南希委屈,肝颤乳腺疼,觉得就算这李管事再吓人,她也得顶回去。
“听你的意思,是我让你家少爷从城堡里出来的?!”
“不是?!”
“李管事,做人得凭良心、讲道理,你家少爷倔驴一样,他要是真听我的,现在也不会站那儿!”
南希的目光落在窗外。
路边一个歪脖子秃头树旁,靠着个穿貂的男人。
这画面有些眼熟。
元旦晚上,温雪生好像也这样强行下了车,独自一人跑到大街上打的。
又来……
同样的事竟然在她面前发生了两次!
南希闷声:“我看,都是他这驴脾气害的。”
李大发回:“咱先别管我家少爷的脾气,他是大少爷,他啥脾气都没毛病。”他一动不动地盯着路边的温雪生,“我不信你不知道,我家少爷几次从城堡里出来,都是为了你的事!”
“……”
南希明白道理是讲不下去了,决定转变策略。
她从兜里掏出一包软中华送到李大发手边。
“好好好,都是为了我,也都怪我,行了吧?李管事,咱先消消气成不?”
李大发推开她的烟:“我哪有心情抽这个,你去把少爷给我找回来!”
南希也没指望他会接下自己的东西,她其实就意思意思,是她自己想抽。
她摇下车窗,叼上烟。
“您怎么不去?”
“我……”李大发脸绿了。
南希终于心情了好了些,偷笑:“李管事,您不敢去找他,我也不敢呀,贸然去得话,搞不好会把人给逼走的……诶,对了,话说到这儿,我有个事想问问您,我就奇怪了,温大少不是不能出门吗,最近怎么三番五次往外跑?”
李大发一顿:“这我哪知道,这是他们父子之间的事。
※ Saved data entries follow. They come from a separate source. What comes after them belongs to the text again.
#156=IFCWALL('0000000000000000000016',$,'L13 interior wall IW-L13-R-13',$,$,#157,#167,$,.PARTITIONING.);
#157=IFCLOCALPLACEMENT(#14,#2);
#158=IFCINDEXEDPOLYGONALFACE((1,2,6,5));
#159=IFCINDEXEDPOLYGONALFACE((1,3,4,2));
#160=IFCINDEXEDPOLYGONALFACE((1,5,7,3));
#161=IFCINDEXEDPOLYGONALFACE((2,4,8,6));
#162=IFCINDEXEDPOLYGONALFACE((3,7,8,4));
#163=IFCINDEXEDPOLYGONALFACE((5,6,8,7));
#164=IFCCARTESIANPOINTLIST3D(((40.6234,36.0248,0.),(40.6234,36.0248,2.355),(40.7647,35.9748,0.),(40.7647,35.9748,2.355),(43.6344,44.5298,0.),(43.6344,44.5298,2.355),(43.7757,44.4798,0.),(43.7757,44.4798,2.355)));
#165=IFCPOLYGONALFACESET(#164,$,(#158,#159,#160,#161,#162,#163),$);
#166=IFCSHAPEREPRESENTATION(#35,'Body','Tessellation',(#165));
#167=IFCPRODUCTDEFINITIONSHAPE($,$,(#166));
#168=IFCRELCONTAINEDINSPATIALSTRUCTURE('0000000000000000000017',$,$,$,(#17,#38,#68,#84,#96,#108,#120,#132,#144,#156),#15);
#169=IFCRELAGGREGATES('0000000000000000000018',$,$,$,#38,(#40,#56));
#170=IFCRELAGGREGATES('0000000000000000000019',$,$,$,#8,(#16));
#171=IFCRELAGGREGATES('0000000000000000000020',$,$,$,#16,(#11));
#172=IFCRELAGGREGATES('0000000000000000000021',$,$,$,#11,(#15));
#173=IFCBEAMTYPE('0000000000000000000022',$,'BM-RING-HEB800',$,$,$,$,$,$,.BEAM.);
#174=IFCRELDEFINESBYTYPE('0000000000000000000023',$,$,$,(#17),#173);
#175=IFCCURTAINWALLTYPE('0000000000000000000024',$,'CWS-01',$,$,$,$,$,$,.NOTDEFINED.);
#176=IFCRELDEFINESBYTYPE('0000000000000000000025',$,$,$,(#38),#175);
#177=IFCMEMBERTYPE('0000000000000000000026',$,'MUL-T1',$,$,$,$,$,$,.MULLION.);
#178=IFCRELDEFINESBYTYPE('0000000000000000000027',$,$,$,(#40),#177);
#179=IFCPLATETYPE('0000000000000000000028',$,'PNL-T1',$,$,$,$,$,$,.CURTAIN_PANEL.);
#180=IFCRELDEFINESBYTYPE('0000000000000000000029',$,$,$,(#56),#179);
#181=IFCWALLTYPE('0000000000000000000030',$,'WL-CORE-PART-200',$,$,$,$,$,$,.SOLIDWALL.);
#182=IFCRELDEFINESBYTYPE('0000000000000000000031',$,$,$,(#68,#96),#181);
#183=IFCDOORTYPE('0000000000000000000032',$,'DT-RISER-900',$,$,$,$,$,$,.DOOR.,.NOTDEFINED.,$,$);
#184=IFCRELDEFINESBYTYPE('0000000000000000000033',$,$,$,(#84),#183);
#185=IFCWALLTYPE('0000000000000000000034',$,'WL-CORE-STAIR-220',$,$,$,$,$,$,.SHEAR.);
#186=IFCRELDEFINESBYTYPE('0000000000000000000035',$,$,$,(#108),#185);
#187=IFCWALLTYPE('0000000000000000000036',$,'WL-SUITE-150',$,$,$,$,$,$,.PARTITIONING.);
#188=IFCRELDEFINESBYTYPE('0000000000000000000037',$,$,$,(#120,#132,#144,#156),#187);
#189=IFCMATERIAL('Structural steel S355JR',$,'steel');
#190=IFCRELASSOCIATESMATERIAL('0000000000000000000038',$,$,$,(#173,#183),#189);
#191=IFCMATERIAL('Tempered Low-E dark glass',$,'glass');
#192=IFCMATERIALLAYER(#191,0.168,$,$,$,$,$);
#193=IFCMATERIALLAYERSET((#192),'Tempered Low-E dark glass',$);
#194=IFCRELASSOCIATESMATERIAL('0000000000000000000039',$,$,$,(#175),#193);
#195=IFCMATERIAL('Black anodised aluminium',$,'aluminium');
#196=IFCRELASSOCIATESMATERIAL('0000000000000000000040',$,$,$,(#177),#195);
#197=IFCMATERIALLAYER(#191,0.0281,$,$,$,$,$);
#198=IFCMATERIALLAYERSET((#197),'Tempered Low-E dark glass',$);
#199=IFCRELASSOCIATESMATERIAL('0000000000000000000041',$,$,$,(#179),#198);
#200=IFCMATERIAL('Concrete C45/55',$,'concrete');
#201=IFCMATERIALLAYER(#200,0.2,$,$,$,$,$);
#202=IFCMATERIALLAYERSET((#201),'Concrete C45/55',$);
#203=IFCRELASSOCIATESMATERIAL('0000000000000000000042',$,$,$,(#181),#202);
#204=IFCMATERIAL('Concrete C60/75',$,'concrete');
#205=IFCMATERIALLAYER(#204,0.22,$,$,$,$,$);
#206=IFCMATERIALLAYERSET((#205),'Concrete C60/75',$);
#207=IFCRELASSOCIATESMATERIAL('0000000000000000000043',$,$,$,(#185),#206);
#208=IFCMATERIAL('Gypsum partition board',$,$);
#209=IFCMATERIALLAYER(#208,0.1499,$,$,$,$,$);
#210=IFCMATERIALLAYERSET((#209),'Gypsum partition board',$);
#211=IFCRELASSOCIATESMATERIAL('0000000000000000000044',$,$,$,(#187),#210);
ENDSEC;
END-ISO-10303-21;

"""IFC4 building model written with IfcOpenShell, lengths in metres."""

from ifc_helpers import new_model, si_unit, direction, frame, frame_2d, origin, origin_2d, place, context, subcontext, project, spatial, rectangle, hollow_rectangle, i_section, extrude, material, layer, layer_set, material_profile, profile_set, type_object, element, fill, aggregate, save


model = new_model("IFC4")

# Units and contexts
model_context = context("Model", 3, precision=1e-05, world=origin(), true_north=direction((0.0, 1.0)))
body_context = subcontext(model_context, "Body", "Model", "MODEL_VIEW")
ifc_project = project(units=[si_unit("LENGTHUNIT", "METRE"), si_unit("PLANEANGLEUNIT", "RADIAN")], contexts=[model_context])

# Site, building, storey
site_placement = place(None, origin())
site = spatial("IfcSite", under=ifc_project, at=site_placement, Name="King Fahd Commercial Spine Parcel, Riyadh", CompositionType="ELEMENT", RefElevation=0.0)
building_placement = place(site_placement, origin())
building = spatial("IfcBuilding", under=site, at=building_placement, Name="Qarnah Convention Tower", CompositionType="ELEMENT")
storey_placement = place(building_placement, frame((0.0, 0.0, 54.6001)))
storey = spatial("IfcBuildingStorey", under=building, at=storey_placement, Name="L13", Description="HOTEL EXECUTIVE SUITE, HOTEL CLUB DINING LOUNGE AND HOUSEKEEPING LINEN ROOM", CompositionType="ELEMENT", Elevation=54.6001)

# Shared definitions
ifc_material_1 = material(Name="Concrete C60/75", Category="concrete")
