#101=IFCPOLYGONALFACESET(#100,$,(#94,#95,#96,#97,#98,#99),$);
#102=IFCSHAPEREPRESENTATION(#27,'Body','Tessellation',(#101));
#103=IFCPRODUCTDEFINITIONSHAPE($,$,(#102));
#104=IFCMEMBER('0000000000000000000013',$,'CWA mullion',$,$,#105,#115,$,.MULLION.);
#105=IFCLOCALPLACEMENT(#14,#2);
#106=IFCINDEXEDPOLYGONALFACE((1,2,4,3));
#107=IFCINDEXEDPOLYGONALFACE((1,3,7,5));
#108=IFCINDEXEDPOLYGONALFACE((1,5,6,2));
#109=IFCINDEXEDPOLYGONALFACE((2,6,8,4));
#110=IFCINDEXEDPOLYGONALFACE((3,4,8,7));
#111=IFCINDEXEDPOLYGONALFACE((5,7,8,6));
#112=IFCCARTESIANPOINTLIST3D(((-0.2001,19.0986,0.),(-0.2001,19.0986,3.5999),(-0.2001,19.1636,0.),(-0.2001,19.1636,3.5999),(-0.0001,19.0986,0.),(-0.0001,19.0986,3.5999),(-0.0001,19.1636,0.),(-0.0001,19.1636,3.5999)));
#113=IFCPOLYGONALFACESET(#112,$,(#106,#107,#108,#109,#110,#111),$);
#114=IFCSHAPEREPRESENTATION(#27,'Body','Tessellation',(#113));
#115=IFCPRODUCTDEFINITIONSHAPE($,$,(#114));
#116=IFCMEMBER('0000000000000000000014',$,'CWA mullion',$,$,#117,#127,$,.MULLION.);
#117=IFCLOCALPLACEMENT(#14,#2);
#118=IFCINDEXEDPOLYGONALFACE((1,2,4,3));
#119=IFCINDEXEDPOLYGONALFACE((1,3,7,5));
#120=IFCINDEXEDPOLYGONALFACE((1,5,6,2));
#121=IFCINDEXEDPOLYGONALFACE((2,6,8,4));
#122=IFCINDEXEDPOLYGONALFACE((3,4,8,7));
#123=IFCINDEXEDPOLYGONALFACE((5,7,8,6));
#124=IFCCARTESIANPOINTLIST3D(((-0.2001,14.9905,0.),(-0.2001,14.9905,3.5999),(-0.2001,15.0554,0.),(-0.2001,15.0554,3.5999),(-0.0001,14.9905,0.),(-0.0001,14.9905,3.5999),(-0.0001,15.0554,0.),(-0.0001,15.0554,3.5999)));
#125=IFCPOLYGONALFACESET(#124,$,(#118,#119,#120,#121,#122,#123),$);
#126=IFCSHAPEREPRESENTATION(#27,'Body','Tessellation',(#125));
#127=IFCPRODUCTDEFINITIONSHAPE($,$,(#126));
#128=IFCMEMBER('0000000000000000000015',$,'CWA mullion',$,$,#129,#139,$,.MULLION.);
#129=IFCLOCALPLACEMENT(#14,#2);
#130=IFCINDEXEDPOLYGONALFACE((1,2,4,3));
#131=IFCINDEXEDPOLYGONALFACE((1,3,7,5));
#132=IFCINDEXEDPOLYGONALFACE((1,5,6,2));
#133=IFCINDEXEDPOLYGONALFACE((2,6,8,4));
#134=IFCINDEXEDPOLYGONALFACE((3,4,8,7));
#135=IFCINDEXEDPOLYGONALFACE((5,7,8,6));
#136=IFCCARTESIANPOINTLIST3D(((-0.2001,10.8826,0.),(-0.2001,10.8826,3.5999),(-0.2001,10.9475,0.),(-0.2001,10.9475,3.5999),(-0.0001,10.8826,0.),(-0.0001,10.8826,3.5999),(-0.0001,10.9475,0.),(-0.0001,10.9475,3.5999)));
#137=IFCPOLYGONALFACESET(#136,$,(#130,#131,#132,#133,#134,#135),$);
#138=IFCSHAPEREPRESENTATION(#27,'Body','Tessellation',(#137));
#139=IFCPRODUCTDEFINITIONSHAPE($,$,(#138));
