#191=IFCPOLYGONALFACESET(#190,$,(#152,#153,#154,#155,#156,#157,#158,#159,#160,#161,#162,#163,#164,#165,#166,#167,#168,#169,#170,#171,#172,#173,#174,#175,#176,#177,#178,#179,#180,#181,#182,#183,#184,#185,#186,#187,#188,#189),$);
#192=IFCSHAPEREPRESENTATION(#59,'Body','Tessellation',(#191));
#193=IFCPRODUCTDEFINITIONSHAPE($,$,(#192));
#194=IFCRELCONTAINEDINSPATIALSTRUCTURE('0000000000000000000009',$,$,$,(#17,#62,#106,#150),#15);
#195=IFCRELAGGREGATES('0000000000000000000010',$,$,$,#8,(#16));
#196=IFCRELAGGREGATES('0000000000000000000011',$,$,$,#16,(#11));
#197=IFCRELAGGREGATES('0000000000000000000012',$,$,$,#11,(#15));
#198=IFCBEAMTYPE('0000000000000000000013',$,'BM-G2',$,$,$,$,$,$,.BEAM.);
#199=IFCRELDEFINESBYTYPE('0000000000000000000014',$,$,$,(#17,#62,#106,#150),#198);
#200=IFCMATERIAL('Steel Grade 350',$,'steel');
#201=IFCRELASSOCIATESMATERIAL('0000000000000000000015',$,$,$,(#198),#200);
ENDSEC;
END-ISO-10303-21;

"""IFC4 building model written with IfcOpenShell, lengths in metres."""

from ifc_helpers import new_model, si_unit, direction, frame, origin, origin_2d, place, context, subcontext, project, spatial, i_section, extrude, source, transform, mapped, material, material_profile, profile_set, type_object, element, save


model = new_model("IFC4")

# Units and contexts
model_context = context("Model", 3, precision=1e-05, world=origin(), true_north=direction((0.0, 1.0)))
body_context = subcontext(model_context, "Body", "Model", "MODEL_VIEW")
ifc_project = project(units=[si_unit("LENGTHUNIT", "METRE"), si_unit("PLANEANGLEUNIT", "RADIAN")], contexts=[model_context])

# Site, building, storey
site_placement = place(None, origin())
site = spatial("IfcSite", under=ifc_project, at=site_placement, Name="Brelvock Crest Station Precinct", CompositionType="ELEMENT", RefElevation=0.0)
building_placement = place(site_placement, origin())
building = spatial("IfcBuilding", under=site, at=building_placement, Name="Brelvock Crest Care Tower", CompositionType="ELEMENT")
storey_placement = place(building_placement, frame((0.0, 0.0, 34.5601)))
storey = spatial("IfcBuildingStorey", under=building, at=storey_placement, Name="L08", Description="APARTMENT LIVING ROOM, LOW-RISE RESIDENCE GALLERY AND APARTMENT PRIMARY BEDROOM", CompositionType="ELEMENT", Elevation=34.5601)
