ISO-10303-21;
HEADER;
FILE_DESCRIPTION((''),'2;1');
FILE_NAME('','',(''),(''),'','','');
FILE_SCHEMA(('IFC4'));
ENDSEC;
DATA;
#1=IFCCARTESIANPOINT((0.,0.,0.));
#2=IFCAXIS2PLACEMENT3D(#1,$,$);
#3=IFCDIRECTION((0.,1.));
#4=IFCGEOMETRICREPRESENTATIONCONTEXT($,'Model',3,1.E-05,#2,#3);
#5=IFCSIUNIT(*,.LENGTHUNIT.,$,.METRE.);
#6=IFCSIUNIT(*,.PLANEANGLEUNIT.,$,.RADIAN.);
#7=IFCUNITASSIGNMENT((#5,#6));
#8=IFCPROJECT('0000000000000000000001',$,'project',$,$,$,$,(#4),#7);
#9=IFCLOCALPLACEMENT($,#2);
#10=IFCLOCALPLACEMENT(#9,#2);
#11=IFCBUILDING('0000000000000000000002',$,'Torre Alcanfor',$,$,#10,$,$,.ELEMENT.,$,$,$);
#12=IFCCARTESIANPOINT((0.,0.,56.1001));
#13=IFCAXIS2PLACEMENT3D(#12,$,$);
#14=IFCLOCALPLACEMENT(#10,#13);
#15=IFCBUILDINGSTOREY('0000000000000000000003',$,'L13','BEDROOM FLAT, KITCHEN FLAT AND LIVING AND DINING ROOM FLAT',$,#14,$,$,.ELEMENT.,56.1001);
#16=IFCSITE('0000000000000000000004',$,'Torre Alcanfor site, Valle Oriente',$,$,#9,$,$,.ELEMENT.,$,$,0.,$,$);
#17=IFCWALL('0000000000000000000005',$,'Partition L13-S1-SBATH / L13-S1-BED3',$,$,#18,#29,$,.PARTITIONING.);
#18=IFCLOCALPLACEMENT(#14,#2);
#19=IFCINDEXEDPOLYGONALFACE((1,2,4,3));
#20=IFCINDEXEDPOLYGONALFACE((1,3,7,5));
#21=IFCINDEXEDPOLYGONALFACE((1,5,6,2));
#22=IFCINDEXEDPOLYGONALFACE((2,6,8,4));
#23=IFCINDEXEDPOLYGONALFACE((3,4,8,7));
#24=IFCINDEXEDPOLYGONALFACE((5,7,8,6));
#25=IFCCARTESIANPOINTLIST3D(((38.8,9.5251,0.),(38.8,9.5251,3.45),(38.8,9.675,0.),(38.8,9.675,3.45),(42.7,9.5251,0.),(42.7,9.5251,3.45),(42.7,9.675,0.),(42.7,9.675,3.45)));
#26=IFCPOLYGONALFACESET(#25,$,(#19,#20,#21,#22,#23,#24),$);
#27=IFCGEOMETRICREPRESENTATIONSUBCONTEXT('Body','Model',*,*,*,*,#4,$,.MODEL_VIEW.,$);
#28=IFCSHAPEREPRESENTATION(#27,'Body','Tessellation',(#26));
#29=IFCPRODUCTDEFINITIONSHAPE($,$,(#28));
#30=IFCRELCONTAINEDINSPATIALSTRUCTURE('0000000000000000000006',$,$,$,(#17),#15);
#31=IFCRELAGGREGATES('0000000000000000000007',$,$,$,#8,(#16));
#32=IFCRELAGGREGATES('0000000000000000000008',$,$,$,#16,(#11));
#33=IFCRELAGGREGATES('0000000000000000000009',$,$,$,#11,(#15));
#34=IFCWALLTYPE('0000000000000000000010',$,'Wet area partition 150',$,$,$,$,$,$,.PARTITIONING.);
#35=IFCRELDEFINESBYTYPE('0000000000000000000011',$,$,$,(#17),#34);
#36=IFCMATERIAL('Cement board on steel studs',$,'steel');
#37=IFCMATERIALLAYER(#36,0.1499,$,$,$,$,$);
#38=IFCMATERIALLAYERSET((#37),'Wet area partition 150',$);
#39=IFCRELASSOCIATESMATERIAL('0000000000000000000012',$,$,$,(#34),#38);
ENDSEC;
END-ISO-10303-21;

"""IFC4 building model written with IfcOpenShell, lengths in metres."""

from ifc_helpers import new_model, si_unit, direction, frame, frame_2d, origin, place, context, subcontext, project, spatial, rectangle, extrude, material, layer, layer_set, type_object, element, save


model = new_model("IFC4")

# Units and contexts
model_context = context("Model", 3, precision=1e-05, world=origin(), true_north=direction((0.0, 1.0)))
body_context = subcontext(model_context, "Body", "Model", "MODEL_VIEW")
ifc_project = project(units=[si_unit("LENGTHUNIT", "METRE"), si_unit("PLANEANGLEUNIT", "RADIAN")], contexts=[model_context])

# Site, building, storey
site_placement = place(None, origin())
site = spatial("IfcSite", under=ifc_project, at=site_placement, Name="Torre Alcanfor site, Valle Oriente", CompositionType="ELEMENT", RefElevation=0.0)
building_placement = place(site_placement, origin())
building = spatial("IfcBuilding", under=site, at=building_placement, Name="Torre Alcanfor", CompositionType="ELEMENT")
storey_placement = place(building_placement, frame((0.0, 0.0, 56.1001)))
storey = spatial("IfcBuildingStorey", under=building, at=storey_placement, Name="L13", Description="BEDROOM FLAT, KITCHEN FLAT AND LIVING AND DINING ROOM FLAT", CompositionType="ELEMENT", Elevation=56.1001)

# Shared definitions
ifc_material_1 = material(Name="Cement board on steel studs", Category="steel")
ifc_layer_1 = layer(ifc_material_1, 0.1499)
ifc_layer_set_1 = layer_set([ifc_layer_1], Name="Wet area partition 150")
wall_type_1 = type_object("IfcWallType", Name="Wet area partition 150", PredefinedType="PARTITIONING", material=ifc_layer_set_1)

# Wall
wall_1_placement = place(storey_placement, frame((38.8, 9.6001, 0.0), z_axis=(0.0, 0.0, 1.0), x_axis=(1.0, 0.0, 0.0)))
element("IfcWall", 1, at=wall_1_placement, inside=storey, type_object=wall_type_1, Name="Partition L13-S1-SBATH / L13-S1-BED3", PredefinedType="PARTITIONING", context=body_context, shape_type="SweptSolid", body=[
    extrude(rectangle(XDim=3.8999, YDim=0.1499, at=frame_2d((1.95, 0.0))), origin(), (0.0, 0.0, 1.0), 3.45),
])

save(model, "model.ifc")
”
温四爷打平河回来后,到少爷屋里待了一上午,出来后就告诉他,以后少爷去哪儿都得陪着。言外之意,少爷的行动不再受限。
但这事儿,李大发寻思了寻思,选择憋在肚子里。
南希用打火机点了烟。
“您说,是不是因为温大少的脸好了呀?之前,温四爷该不会是嫌儿子丑、给他丢人,才关着他吧?”
“瞎说啥!老大最疼少爷!”
“是吗?”南希吸烟吐气,“那……为什么温大少都病成这样了,还不敢进这家卢氏医院?我没猜错的话,卢氏的背后是温四爷吧。”
南希话中有话,李大发怔住。
眼前这小妮子不愧是大学生,聪明冷静看事准,竟然都给说中了。
他在老大和少爷之间迂回了这么多年,很多事就算不拿到明面上讲,他也都懂。
少爷不喜欢温沙城堡。
他第一次陪少爷出门时,也第一次在他脸上看到了普通少年才会有的兴奋摸样。
少爷一旦踏进“卢氏”,用不了半小时,他发病的消息就会传到老大耳朵里。到时候,老大还会不会放少爷离开城堡就不好说了。
所以,少爷只能逃。
可李大发依旧嘴硬:“你咋知道少爷不敢的?!”
南希斜眼瞥他。
刀疤脸声音虽大,气势不再。
她又吐了口烟。烟气飘出车窗,在眼前散开,模糊了温雪生孤独的身影。
对,孤独。
南希笑着:“哎呀,李管事,您别往心里去,我随便说说的……我知道您最在意温大少……啊,不对,应该是温四爷。”
李大发:“啥?什么在意这在意那的?在意老大就是在意少爷!”
“这样啊……可他们不是两个人吗?李管事,您现在是跟着谁干呀?”
“……这是你该问的吗?”
南希:“啊,呵呵呵,不好意思,瞧我这多事的嘴……”
她轻轻拍了下嘴巴,“我就是突然想起个类似的事儿。我以前有个同学,她得了很厉害的病,直到她晕在教室里,我们才知道她病了很久了。有意思的是,她家人也才知道。她一直装作身体健康,从没去过医院,她说自己面对不了,觉得如果不看病,她就还能像个正常人一样上学。那时我懂了‘讳疾忌医’这个词。我想啊,人不愿看大夫,可能有两种情况,一种是自己害怕,另一种是怕别人害怕……”
温雪生这种连四十层高楼都敢跳的狠人,很明显,第一种情况并不是适应于他。